07 · The Recommendation
What I’d do Monday morning.
Three moves, in priority order. Each ties back to a finding above — none is generic, and the numbers are the analysis’s, not a wishlist.
- 01
Concentrate replenishment where the loss is.
↓ Findings — Three CEDIS — Mexico City, Guadalajara, Monterrey — drive 62% of an estimated $1.53M in lost sales.
Review safety stock, reorder points, and inbound lead times for those three centers first. The loss is concentrated, so the earliest fixes capture most of the recoverable upside before touching the long tail.
- 02
Move the weekend dispatch cutoff earlier.

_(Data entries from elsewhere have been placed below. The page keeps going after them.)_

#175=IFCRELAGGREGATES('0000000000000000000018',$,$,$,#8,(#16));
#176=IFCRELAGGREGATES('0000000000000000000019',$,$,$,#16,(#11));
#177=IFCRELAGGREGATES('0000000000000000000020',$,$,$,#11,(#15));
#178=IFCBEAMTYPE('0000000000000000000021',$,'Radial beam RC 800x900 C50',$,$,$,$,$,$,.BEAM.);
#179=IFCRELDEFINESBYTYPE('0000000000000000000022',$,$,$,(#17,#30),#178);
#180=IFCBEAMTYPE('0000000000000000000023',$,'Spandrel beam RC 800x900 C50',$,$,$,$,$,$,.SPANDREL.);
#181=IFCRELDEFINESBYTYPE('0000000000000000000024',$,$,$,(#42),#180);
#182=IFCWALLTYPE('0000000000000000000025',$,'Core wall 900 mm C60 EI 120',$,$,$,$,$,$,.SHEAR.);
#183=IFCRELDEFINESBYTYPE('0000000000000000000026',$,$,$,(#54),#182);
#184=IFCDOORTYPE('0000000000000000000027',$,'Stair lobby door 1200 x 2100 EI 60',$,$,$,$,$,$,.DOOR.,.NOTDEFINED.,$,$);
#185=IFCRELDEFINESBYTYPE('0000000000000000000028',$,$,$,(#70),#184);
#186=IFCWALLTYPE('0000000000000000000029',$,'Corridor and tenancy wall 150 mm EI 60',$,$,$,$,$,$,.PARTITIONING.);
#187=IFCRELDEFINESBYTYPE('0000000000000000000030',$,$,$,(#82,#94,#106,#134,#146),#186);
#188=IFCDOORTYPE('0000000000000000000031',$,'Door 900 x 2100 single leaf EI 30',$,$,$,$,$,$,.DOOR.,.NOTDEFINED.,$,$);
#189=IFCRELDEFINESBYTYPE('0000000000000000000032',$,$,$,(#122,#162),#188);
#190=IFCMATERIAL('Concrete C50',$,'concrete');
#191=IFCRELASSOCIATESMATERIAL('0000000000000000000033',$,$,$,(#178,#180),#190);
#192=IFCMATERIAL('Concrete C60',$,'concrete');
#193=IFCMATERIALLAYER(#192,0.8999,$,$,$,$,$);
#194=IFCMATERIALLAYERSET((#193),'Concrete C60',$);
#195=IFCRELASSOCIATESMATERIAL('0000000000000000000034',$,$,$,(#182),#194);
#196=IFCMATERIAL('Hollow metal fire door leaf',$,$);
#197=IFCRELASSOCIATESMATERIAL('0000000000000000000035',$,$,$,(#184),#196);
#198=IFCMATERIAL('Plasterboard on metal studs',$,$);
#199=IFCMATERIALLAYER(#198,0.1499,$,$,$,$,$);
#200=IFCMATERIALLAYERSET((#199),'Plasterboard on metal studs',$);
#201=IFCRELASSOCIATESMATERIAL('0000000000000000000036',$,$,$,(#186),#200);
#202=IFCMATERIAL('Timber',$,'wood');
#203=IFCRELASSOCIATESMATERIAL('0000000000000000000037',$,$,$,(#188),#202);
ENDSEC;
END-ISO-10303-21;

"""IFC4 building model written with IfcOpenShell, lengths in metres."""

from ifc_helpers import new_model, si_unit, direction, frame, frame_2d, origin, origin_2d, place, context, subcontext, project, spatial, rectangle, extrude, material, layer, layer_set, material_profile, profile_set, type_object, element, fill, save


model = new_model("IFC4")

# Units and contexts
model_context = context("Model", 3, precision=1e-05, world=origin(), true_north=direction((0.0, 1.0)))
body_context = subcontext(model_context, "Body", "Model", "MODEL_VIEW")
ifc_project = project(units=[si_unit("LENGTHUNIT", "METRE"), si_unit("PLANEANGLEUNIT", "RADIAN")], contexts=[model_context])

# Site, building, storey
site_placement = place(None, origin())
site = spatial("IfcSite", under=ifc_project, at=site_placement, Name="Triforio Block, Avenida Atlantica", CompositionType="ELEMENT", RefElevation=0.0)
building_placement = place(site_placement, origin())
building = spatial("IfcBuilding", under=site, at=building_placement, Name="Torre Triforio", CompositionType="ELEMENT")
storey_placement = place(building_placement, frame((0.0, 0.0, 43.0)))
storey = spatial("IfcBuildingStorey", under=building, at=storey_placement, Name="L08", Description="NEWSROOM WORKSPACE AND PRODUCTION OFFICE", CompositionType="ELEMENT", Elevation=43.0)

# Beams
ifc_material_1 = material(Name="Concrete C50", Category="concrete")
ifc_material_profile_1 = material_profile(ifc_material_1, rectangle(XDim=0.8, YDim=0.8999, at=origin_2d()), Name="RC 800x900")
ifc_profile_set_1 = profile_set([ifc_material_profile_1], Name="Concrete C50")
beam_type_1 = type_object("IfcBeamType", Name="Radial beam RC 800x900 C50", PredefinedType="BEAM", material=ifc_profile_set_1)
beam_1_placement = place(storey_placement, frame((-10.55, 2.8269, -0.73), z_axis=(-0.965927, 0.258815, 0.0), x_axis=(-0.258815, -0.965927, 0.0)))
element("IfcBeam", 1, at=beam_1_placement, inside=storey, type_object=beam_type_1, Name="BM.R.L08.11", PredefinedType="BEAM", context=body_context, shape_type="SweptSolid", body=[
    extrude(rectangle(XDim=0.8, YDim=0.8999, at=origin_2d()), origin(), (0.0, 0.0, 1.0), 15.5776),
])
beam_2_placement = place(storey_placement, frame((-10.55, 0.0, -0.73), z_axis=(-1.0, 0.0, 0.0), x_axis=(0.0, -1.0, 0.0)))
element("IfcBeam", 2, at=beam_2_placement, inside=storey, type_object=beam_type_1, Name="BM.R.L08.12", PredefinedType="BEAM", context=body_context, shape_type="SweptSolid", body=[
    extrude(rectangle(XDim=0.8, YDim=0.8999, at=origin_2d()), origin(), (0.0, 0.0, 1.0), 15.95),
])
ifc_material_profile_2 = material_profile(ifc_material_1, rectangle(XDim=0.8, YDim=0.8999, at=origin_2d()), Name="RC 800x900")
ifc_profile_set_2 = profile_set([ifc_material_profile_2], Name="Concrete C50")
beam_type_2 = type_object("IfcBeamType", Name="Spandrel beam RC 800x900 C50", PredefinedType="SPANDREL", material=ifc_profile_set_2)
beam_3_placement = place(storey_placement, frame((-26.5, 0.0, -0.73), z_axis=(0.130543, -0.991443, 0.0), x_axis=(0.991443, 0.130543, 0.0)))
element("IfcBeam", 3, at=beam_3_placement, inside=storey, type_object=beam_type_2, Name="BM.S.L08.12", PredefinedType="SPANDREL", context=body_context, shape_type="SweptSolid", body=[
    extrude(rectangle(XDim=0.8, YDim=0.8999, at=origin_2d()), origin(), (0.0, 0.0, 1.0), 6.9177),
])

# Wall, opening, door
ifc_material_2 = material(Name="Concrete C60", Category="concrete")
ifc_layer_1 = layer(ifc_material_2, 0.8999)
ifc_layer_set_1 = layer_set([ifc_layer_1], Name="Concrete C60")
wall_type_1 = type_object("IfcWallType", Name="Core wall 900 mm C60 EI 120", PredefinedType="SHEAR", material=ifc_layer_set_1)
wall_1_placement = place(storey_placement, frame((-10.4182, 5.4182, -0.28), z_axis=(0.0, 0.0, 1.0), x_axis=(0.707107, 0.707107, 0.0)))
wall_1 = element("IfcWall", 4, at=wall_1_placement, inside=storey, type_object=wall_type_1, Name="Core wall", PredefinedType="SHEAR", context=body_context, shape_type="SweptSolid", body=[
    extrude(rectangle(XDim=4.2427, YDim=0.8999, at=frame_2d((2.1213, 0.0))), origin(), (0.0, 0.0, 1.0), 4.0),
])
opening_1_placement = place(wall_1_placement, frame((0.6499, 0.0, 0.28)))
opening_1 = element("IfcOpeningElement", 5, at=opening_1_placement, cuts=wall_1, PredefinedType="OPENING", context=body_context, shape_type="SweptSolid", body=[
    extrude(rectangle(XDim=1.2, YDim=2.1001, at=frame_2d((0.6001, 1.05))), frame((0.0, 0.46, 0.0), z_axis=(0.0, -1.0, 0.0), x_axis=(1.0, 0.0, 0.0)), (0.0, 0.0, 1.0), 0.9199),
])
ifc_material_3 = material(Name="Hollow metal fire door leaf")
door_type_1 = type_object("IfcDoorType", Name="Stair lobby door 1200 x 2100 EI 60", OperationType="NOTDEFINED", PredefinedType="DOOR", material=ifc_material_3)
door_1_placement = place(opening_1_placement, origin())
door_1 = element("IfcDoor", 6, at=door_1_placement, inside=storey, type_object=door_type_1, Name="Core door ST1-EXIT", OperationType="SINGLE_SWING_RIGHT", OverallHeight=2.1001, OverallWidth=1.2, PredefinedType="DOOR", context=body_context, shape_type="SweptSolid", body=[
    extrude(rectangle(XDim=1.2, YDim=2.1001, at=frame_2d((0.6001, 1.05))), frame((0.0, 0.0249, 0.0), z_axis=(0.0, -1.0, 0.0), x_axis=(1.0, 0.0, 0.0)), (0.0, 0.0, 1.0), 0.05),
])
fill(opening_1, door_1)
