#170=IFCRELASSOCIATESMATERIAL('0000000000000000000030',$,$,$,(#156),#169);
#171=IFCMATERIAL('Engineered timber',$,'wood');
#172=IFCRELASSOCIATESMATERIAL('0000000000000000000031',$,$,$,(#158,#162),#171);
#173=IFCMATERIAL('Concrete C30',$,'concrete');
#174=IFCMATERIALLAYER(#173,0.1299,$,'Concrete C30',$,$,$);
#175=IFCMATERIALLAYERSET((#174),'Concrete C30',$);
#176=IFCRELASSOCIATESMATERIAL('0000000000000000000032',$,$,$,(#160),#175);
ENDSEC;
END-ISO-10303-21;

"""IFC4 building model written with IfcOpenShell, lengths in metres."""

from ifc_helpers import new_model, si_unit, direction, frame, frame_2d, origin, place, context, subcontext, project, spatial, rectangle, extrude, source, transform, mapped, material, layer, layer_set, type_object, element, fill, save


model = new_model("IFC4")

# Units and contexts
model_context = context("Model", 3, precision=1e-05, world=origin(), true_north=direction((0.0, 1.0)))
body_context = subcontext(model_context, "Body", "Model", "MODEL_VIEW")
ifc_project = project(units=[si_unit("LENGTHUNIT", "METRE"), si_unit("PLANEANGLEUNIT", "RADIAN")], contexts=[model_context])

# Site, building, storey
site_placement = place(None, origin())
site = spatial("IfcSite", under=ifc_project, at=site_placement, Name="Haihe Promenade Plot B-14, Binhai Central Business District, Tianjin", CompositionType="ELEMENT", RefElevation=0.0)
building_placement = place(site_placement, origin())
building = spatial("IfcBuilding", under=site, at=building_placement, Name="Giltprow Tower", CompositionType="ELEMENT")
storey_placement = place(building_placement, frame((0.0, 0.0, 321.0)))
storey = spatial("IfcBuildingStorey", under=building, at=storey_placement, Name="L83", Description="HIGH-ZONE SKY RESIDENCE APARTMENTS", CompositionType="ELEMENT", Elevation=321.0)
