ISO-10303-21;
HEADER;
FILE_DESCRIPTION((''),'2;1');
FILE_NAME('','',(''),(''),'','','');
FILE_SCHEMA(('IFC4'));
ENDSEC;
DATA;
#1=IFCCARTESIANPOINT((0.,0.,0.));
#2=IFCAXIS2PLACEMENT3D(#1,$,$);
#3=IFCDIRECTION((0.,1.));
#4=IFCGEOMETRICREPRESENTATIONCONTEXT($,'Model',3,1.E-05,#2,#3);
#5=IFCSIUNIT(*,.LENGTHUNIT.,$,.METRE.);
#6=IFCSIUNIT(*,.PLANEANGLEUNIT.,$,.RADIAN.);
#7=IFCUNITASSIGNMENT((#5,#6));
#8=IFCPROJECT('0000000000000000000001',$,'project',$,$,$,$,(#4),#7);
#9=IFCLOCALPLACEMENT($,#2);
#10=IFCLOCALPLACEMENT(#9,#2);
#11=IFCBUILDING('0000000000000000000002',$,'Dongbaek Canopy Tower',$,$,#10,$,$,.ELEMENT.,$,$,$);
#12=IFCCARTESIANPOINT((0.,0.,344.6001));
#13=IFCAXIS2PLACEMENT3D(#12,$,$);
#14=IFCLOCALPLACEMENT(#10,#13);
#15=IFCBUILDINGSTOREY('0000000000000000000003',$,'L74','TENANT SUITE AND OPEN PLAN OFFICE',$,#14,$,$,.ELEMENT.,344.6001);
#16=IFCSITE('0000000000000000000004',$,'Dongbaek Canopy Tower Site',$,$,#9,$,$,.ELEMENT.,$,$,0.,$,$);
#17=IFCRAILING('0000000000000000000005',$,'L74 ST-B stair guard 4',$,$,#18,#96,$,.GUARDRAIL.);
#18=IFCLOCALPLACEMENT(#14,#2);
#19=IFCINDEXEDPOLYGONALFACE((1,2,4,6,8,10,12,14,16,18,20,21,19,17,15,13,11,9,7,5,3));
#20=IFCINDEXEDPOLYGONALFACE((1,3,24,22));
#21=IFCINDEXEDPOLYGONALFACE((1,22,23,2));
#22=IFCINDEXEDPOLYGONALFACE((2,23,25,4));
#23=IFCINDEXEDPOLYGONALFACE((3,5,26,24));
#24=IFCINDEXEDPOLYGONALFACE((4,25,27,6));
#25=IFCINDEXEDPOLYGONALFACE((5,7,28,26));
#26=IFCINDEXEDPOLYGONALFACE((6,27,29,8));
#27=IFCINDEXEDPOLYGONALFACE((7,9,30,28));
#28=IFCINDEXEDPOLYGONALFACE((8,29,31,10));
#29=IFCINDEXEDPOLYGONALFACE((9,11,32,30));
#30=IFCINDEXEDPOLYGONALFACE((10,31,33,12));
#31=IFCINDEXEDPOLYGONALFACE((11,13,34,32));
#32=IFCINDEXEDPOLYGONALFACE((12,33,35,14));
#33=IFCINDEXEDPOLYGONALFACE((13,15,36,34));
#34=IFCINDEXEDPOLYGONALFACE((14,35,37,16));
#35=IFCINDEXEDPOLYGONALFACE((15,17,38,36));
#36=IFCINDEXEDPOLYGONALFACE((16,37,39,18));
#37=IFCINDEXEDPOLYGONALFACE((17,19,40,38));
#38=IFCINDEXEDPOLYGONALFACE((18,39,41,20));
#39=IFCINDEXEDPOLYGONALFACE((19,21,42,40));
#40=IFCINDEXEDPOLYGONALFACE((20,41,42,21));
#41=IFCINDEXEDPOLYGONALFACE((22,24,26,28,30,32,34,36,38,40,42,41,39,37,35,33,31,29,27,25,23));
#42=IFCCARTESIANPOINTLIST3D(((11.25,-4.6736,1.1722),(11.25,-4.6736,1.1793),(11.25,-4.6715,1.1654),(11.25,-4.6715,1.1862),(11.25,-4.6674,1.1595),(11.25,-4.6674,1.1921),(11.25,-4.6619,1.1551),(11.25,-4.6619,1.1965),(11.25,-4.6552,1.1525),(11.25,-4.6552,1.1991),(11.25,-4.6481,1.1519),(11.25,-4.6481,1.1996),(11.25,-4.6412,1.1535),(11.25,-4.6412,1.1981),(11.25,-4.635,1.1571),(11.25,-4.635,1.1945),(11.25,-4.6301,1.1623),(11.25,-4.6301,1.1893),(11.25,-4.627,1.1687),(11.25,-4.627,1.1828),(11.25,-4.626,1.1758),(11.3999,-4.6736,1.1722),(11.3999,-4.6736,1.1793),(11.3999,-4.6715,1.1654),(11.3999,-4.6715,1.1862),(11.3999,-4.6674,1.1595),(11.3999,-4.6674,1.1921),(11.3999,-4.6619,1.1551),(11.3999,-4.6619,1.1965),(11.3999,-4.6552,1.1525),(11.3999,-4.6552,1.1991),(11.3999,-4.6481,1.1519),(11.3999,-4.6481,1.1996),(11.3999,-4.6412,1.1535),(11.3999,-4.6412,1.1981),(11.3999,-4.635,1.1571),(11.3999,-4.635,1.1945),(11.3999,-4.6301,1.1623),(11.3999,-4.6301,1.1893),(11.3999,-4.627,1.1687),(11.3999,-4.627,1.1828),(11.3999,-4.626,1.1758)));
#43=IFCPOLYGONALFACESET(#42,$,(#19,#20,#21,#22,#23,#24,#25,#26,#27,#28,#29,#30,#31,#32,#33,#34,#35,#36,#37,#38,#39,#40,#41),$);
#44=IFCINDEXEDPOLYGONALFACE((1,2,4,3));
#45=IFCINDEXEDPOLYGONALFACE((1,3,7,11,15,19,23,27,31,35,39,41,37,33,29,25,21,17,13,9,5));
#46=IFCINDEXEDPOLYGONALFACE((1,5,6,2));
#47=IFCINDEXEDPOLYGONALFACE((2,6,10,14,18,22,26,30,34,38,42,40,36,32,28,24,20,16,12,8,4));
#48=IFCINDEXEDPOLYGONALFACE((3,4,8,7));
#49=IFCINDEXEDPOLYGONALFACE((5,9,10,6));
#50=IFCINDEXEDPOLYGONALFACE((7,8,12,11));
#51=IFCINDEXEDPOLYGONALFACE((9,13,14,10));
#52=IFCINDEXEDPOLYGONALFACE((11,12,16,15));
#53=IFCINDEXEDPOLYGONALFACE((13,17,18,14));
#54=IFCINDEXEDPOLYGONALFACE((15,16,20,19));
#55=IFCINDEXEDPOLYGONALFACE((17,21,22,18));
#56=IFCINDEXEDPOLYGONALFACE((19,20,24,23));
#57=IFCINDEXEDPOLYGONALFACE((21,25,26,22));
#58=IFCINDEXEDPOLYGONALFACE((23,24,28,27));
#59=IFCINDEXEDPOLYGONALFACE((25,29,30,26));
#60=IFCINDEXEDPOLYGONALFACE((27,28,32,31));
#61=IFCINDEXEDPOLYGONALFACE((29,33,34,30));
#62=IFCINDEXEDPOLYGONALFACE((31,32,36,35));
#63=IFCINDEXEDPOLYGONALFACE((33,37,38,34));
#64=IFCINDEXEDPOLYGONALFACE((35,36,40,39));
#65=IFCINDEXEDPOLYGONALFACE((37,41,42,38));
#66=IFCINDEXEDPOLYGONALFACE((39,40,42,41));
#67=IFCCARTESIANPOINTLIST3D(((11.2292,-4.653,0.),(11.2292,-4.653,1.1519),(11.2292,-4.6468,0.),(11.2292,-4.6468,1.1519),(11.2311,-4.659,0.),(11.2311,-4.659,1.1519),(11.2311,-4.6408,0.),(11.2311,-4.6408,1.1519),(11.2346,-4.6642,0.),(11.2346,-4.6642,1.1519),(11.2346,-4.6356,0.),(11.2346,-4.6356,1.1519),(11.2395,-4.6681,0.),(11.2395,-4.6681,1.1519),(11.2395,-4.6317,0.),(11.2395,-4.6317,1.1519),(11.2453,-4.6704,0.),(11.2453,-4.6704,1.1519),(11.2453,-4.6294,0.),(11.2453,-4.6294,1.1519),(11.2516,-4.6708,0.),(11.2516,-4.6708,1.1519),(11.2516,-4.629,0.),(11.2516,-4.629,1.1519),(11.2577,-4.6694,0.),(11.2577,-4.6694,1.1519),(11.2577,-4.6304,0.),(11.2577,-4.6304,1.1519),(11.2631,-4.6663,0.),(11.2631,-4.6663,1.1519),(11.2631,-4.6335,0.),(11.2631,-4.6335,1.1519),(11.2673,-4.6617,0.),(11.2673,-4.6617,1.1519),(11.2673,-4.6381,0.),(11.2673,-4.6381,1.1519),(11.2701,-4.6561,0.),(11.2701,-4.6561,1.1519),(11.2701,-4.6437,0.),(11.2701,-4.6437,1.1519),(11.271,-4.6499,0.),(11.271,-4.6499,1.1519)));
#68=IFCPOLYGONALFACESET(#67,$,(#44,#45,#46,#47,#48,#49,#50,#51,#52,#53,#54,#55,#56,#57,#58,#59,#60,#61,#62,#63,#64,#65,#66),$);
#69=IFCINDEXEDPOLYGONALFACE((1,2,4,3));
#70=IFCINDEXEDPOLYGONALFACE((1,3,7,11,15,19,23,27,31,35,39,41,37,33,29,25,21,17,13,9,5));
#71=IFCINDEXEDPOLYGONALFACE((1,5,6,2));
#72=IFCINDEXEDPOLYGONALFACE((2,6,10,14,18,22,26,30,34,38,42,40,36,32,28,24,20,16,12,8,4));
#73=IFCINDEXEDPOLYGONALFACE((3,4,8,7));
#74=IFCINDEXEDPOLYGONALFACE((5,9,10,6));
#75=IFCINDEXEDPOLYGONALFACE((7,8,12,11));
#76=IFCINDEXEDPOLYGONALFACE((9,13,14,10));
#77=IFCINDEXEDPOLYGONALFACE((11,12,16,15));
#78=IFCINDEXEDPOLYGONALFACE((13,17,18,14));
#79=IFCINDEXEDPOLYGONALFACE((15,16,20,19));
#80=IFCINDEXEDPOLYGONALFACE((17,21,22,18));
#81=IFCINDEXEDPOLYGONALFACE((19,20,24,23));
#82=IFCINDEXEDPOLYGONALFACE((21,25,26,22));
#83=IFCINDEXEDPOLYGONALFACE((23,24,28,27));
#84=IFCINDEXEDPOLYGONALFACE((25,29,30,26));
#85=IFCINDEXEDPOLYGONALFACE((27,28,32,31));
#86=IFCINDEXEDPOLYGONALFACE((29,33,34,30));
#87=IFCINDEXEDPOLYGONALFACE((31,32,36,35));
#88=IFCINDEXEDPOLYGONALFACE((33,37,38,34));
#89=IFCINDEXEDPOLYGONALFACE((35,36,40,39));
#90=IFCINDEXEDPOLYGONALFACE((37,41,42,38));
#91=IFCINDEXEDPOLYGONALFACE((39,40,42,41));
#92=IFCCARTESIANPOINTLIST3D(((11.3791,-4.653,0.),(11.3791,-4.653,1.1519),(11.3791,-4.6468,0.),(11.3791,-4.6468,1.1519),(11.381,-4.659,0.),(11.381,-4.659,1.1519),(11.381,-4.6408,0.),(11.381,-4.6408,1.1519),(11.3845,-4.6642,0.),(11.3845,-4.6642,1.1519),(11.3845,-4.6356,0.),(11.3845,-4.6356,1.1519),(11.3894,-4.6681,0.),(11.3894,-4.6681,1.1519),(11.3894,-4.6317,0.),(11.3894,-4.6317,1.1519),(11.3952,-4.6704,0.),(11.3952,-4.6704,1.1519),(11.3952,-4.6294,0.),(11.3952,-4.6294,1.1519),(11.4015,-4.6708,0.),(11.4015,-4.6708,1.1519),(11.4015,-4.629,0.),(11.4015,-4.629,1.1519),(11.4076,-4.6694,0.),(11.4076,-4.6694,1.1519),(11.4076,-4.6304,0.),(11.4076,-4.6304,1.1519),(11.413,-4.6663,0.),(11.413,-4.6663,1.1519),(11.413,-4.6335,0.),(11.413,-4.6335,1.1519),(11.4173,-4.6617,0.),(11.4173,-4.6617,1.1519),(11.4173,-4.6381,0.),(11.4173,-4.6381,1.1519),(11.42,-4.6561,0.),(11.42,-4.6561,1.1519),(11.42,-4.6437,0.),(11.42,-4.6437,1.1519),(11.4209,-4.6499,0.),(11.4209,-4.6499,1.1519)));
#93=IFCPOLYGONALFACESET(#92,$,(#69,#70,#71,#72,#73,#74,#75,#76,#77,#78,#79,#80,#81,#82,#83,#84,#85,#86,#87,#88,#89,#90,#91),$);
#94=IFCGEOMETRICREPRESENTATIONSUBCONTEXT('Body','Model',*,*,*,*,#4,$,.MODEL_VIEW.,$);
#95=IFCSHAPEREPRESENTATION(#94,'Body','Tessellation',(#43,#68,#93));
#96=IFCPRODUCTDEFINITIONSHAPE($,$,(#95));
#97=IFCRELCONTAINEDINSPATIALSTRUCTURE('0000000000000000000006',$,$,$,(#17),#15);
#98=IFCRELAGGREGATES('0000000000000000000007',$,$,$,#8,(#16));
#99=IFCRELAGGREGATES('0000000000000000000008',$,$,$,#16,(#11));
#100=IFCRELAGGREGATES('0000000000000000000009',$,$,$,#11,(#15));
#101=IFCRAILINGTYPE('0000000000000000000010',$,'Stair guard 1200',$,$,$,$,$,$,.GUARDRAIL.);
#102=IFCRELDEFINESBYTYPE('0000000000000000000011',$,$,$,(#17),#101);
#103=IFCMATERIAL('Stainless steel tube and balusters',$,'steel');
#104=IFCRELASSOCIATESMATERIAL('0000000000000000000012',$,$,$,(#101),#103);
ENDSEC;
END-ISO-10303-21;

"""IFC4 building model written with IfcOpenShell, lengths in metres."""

from ifc_helpers import new_model, si_unit, direction, frame, origin, origin_2d, place, context, subcontext, project, spatial, circle, extrude, material, type_object, element, save


model = new_model("IFC4")

# Units and contexts
model_context = context("Model", 3, precision=1e-05, world=origin(), true_north=direction((0.0, 1.0)))
body_context = subcontext(model_context, "Body", "Model", "MODEL_VIEW")
ifc_project = project(units=[si_unit("LENGTHUNIT", "METRE"), si_unit("PLANEANGLEUNIT", "RADIAN")], contexts=[model_context])

# Site, building, storey
site_placement = place(None, origin())
site = spatial("IfcSite", under=ifc_project, at=site_placement, Name="Dongbaek Canopy Tower Site", CompositionType="ELEMENT", RefElevation=0.0)
building_placement = place(site_placement, origin())
building = spatial("IfcBuilding", under=site, at=building_placement, Name="Dongbaek Canopy Tower", CompositionType="ELEMENT")
storey_placement = place(building_placement, frame((0.0, 0.0, 344.6001)))
storey = spatial("IfcBuildingStorey", under=building, at=storey_placement, Name="L74", Description="TENANT SUITE AND OPEN PLAN OFFICE", CompositionType="ELEMENT", Elevation=344.6001)

# Railing
ifc_material_1 = material(Name="Stainless steel tube and balusters", Category="steel")
railing_type_1 = type_object("IfcRailingType", Name="Stair guard 1200", PredefinedType="GUARDRAIL", material=ifc_material_1)
railing_1_placement = place(storey_placement, frame((11.25, -4.6499, 0.0)))
element("IfcRailing", 1, at=railing_1_placement, inside=storey, type_object=railing_type_1, Name="L74 ST-B stair guard 4", PredefinedType="GUARDRAIL", context=body_context, shape_type="SweptSolid", body=[
    extrude(circle(Radius=0.0239, at=origin_2d()), frame((0.0, 0.0, 1.1758), z_axis=(1.0, 0.0, 0.0), x_axis=(0.0, 1.0, 0.0)), (0.0, 0.0, 1.0), 0.1499),
    extrude(circle(Radius=0.021, at=origin_2d()), origin(), (0.0, 0.0, 1.0), 1.1519),
    extrude(circle(Radius=0.021, at=origin_2d()), frame((0.1499, 0.0, 0.0)), (0.0, 0.0, 1.0), 1.1519),
])

save(model, "model.ifc")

↓ Findings — Friday orders run late 12.4% of the time vs 6.2% on Tuesday — a weekend dispatch backlog.
Bring the Thursday/Friday cutoff forward, or add weekend dispatch capacity, so late-week orders clear before the backlog builds. A scheduling change, not a capital one — cheap to pilot.
- 03
Make the forecast event-aware, and run the risk watchlist weekly.
↓ Findings + Prediction — Forecast error of 18.9% that misses the event surge, and 13 positions already flagged High-risk.
Add an event- and payday-aware uplift to the forecast for beverages & snacks, and stand up the High-risk list as a standing weekly report — so planners pre-position stock instead of reacting after the shelf is empty.
If I could run only one play first: the Guadalajara replenishment review. It is the #2 historical loss and 7 of the 13 forward risks — the one place hindsight and the model agree. Highest confidence, first hour.